Lecture 4 - 1/21 - Other Types, Formatted Printing

• Lists are set off with [ ] and entries can be any valid type (including other lists!); entries can be of different types from other entries; list items can be changed and mutable items within lists can be changed. Lists can be "grown" by using += with the list.
• Tuples are indicated by commas without square brackets (and are usually shown with parentheses - which are required if trying to make a tuple an entry in a tuple or a list); tuple items cannot be changed but mutable items within tuples can be
• Strings are set off with " " or ' ' and contain characters; string items cannot be changed
• For lists, tuples, and strings:
  • Using + concatenates the two collections
  • Using * with them makes creates a collection with the original repeated that many times
  • Using += will create a new item with something appended to the old item; the "something" needs to be the same type (list, tuple, or string); this may seem to break the "can't be changed" rule but really a += b is a = a + b which creates a new a.
• Creating formatted strings using {} and .format() (format strings, standard format specifiers) -- focus was on using s for string and e or f for numerical types, minimumwidth.precision, and possibly a + in front to force printing + for positive numbers.
  • Using {} by themselves will substitute items in order from the format() function into the string that gets created
  • Putting a number in the {} will tell format which thing to get
  • Format specification comes after a : in the {}; if you do not specify a location index, you still have to put a colon in the {}
  • {:s} means string and {:Xs} where X is an integer means reserve at least that much space for a left-formatted string
  • {:f} means floating point (default 6 digits after decimal point) and {:X.Yf} reserves at least X spaces (including + or - and the . if it is there) with Y digits after the decimal point for t right-justified number
  • {:e} means floating point (default 6 digits after decimal point) and {:X.Ye} reserves at least X spaces (including + or - and the . if it is there and the letter e and the + or - after the e and the two or three digit number after that) with Y digits after the decimal point for t right-justified number
• Aside - Format Specification Mini-Language has all the possibilities; we will cover some but not all of these in later classes
• You can enter numbers in scientific notation with a number followed by the letter 3 and then a number or negative number for the power of 10; for example, x = 6.02e23 or e = -1.6e-19
  • float can convert scientific notation as well:

float("1e-5")

• Characters in strings have "numerical" values based on the ASCII table (https://www.asciitable.com/)
  • Numbers are earlier than lower case letters; lower case letters are earlier than upper case letters
  • Strings are sorted character by character; if one string is shorter than another, it is considered less
    • "Hello" < "Hi" since the "e" comes before the "i"
    • "Zebra" < "apple" since the upper case "Z" is before the lower case "a"
    • "go" < "gone" since the first two characters match and then the word is done
• To get the numerical value of a single character, use ord("A") or replace the A with the character you want
• To get the character a number represents, use chr(NUM)
• To apply either ord or chr to multiple items, use a map; to see the results, make a list out of the map
• Trinket

• To read more:
  • Note!
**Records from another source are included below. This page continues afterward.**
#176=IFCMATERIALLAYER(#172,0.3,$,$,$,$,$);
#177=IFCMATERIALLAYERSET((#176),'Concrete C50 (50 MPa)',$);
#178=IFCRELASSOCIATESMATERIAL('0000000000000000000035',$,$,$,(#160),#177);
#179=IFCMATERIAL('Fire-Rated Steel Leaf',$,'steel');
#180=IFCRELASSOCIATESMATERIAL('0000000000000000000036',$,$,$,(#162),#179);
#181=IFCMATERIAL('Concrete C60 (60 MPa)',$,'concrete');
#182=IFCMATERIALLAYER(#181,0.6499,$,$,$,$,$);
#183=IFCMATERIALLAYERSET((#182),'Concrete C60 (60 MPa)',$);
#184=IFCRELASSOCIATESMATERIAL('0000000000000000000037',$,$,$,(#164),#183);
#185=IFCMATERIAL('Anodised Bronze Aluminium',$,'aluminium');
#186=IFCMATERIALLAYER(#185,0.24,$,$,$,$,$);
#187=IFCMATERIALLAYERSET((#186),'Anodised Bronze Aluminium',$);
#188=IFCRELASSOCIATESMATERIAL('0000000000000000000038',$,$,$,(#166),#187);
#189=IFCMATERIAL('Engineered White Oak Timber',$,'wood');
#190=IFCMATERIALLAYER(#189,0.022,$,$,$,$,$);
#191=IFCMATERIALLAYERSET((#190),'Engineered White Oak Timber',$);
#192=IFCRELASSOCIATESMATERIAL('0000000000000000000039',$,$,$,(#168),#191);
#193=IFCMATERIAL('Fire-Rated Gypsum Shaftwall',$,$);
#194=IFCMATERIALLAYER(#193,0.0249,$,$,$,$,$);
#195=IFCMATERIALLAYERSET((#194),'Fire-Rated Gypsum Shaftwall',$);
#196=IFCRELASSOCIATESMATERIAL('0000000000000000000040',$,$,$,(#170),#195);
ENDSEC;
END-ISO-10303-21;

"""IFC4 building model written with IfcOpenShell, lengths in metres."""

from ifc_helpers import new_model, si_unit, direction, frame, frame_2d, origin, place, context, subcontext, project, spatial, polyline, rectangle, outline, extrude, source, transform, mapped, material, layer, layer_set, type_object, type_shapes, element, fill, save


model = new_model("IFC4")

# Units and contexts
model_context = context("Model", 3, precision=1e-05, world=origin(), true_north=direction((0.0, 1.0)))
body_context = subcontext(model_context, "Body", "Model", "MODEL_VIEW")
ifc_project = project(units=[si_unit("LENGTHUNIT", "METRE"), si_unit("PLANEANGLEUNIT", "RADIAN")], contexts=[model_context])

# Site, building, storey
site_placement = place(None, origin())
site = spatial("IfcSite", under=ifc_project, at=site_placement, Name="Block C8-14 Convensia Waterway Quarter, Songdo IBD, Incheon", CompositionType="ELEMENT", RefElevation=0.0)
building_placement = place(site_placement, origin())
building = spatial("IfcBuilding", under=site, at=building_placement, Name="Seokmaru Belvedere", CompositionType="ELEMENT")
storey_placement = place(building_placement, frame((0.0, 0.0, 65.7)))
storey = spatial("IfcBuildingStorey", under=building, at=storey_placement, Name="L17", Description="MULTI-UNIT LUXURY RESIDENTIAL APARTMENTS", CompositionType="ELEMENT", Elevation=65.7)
Many of the tutorials below use Python 2 so instead of print(thing) it shows print thing
  • Lists at tutorialspoint
  • Tuples at tutorialspoint

Lecture 5 - 1/17 - Functions

• Defined functions can be multiple lines of code and have multiple outputs.
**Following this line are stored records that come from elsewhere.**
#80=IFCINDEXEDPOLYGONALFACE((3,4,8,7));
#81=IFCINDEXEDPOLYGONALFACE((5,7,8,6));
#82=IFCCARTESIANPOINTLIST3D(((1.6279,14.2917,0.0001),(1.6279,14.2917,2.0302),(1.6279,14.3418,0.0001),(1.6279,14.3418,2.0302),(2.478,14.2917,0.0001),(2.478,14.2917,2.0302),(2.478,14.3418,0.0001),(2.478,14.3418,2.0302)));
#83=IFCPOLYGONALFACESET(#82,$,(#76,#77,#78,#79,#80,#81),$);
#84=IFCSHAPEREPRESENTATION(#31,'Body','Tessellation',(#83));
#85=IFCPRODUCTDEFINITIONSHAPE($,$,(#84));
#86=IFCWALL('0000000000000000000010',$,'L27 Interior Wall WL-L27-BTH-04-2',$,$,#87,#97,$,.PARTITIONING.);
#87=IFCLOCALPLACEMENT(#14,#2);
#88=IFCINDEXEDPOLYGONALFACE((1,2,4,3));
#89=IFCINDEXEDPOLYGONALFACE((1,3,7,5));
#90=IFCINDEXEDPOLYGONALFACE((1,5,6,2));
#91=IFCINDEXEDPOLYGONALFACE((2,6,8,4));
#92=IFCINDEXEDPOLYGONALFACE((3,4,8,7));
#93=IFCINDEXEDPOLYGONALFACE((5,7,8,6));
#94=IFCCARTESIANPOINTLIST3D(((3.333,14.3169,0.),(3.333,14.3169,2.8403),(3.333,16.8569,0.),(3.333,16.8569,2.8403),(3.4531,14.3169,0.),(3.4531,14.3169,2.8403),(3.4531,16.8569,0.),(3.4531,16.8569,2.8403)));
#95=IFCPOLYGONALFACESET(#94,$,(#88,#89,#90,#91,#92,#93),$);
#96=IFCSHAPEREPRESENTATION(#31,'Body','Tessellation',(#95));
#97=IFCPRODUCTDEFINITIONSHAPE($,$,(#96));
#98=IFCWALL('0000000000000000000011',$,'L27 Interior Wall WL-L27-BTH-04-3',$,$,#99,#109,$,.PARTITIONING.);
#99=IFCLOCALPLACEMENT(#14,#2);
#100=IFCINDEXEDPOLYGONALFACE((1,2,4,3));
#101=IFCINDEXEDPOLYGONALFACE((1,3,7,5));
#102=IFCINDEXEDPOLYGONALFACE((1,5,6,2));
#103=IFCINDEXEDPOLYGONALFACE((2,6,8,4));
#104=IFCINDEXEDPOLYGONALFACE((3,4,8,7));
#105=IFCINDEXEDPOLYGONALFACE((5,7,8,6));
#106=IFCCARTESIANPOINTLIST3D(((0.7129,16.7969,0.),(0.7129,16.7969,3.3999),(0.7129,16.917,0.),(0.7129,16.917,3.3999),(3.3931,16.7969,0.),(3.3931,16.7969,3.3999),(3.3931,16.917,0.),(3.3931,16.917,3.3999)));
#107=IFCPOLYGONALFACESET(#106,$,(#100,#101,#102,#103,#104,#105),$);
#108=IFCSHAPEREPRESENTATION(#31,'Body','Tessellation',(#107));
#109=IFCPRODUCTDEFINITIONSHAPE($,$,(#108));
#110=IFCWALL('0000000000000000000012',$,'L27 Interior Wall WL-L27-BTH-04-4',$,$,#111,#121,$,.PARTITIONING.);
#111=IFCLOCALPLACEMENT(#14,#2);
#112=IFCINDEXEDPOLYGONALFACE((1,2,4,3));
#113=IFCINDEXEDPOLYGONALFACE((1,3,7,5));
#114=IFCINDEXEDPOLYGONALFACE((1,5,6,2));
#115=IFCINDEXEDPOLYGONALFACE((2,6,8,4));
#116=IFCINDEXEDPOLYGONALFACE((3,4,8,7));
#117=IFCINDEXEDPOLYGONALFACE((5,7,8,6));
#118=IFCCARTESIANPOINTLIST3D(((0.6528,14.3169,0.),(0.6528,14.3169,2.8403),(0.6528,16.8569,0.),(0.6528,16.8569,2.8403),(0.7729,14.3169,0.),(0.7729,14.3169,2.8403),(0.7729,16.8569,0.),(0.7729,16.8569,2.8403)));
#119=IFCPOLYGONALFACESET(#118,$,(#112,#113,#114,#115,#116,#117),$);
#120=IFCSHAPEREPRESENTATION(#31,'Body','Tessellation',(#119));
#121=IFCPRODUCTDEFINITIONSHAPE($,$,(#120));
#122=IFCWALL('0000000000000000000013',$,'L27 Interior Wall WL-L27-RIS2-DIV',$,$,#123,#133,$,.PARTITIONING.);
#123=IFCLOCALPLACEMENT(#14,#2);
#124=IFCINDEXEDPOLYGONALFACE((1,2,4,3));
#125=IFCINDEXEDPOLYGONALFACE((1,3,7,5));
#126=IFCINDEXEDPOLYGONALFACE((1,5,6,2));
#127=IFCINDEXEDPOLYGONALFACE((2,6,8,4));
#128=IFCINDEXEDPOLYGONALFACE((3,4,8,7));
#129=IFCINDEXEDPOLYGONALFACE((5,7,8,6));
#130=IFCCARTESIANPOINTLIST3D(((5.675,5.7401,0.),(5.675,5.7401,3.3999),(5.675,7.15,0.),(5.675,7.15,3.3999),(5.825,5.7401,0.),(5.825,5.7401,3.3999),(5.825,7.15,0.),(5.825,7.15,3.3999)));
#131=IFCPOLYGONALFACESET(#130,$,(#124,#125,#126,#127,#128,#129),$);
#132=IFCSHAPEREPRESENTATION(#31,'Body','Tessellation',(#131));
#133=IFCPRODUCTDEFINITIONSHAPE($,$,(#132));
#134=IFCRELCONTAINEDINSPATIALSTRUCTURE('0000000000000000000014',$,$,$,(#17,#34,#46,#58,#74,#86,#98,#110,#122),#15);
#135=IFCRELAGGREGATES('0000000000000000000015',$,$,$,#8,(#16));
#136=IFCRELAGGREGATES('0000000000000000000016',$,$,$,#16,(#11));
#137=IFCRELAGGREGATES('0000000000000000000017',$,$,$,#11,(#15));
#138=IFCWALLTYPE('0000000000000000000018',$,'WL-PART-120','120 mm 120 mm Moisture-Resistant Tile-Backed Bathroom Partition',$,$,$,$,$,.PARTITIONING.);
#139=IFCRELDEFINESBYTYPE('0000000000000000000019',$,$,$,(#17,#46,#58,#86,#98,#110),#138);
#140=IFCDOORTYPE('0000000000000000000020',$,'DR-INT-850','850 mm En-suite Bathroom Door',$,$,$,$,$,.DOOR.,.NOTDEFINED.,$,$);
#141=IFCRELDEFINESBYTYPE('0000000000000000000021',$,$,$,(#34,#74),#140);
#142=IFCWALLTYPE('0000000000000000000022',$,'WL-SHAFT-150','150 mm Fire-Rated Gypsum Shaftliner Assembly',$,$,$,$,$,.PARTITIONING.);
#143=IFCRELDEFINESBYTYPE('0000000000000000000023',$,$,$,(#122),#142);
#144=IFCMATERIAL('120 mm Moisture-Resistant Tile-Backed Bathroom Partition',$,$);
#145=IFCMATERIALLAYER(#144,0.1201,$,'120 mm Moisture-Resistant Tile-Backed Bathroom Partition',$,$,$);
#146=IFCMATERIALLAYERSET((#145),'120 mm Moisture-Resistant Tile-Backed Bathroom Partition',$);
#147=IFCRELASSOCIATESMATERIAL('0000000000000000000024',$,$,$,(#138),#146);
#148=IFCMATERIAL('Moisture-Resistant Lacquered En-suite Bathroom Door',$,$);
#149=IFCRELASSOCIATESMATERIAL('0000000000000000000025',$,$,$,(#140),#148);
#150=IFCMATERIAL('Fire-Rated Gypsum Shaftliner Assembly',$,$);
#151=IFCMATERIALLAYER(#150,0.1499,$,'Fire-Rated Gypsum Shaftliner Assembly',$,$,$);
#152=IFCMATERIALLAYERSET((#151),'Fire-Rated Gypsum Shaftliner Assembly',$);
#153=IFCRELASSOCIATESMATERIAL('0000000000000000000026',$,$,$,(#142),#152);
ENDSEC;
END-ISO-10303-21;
•  def FNAME(local1, local2, ...):
       CODE
       return THING1, THING2, ...
  

  • Four different types of input parameters - we mainly talked about the first two kinds:
    • Required (listed first)
    • Named with defaults (second)
  • We will cover the other kinds in more detail later
    • Additional positional arguments ("*args") (third)
      • Function will create a tuple containing these items in order
    • Additional keyword arguments ("**kwargs") (last)
      • Function will create a dictionary of keyword and value pairs
  • Function ends when indentation stops or when the function hits a return statement
  • Return returns single item as an item of that type; if there are multiple items returned, they are stored and returned in a tuple
  • If there is a left side to the function call, it either needs to be a single variable name or a tuple with as many entries as the number of items returned

Lecture 6 - 1/24 - Relational Operators, Decisions, and Loops

• <= < == >= > != work with many types; just be careful about interpreting
• not can reverse while and and or can combine logical expressions
• Basics of decisions using if...elif...else
  • Must have logic after if
  • Can have as many elif with logic after
  • Can have an else without logic at the end
  • Flow is solely dependent on indentation!
  • Branches can contain other trees for follow-up questions
• Movie ratings.
• Basics of while loops and for loops.
• The Price Is Right game!

Lecture 7 - 1/28 - More Loops and Logical Masks

• Using a list to keep track of counts
• Using the enumerate type to provide a collection of indices and values to a loop
• Basics of Python:Logical Masks

Lecture 8 - 1/31 - Dictionaries

• Dictionaries are collections of key : value pairs set off with { }; keys can be any immutable type (int, float, string, tuple) and must be unique; values can be any type and do not need to be unique
  • Dictionary at tutorialspoint
• Storing values in a dictionary
• Bar chart demo
• Translation demo with Morse code and NATO phonetic alphabet

Lecture 9 - 2/4 - Iterative Methods

• Taylor series fundamentals
• Maclaurin series approximation for exponential uses Chapra 4.2 to compute terms in an infinite sum.

so

• Newton Method for finding square roots uses Chapra 4.2 to iteratively solve using a mathematical map. To find \(y\) where \(y=\sqrt{x}\): \( \begin{align} y_{init}&=1\\ y_{new}&=\frac{y_{old}+\frac{x}{y_{old}}}{2} \end{align} \)
• See Python version of Fig. 4.2 and modified version of 4.2 in the Resources section of Sakai page under Chapra Pythonified

Lecture 10 - 2/7 - Binary

• Different number systems convey information in different ways.
  • Roman Numerals
  • Chinese Numbers
  • Binary Numbers
    • We went through how to convert between decimal and binary
• Floats (specifically double precision floats) are stored with a sign bit, 52 fractional bits, and 11 exponent bits. The exponent bits form a code:
  • 0 (or 00000000000): the number is either 0 or a denormal
  • 2047 (or 11111111111): the number is either infinite or not-a-number
  • Others: the power of 2 for scientific notation is 2**(code-1023)
    • The largest number is thus just *under* 2**1024 (ends up being (2-2**-52)**1024\(\approx 1.798\times 10^{308}\).
    • The smallest normal number (full precision) is 2**(-1022)\(\approx 2.225\times 10^{-308}\).
    • The smallest denormal number (only one significant binary digit) is 2**(-1022)/2**53 or 5e-324.
  • When adding or subtracting, Python can only operate on the common significant digits - meaning the smaller number will lose precision.
  • (1+1e-16)-1=0 and (1+1e-15)-1=1.1102230246251565e-15
  • Avoid intermediate calculations that cause problems: if x=1.7e308,
    • (x+x)/x is inf
    • x/x + x/x is 2.0
  • $$e^x=\lim_{n\rightarrow \infty}\left(1+\frac{x}{n}\right)^n$$

# Exponential Demo

   return (1 + x/n)**n

   n = np.logspace(0, 17, 1000)
   y = exp_calc(1, n)
   fig, ax = plt.subplots(num=1, clear=True)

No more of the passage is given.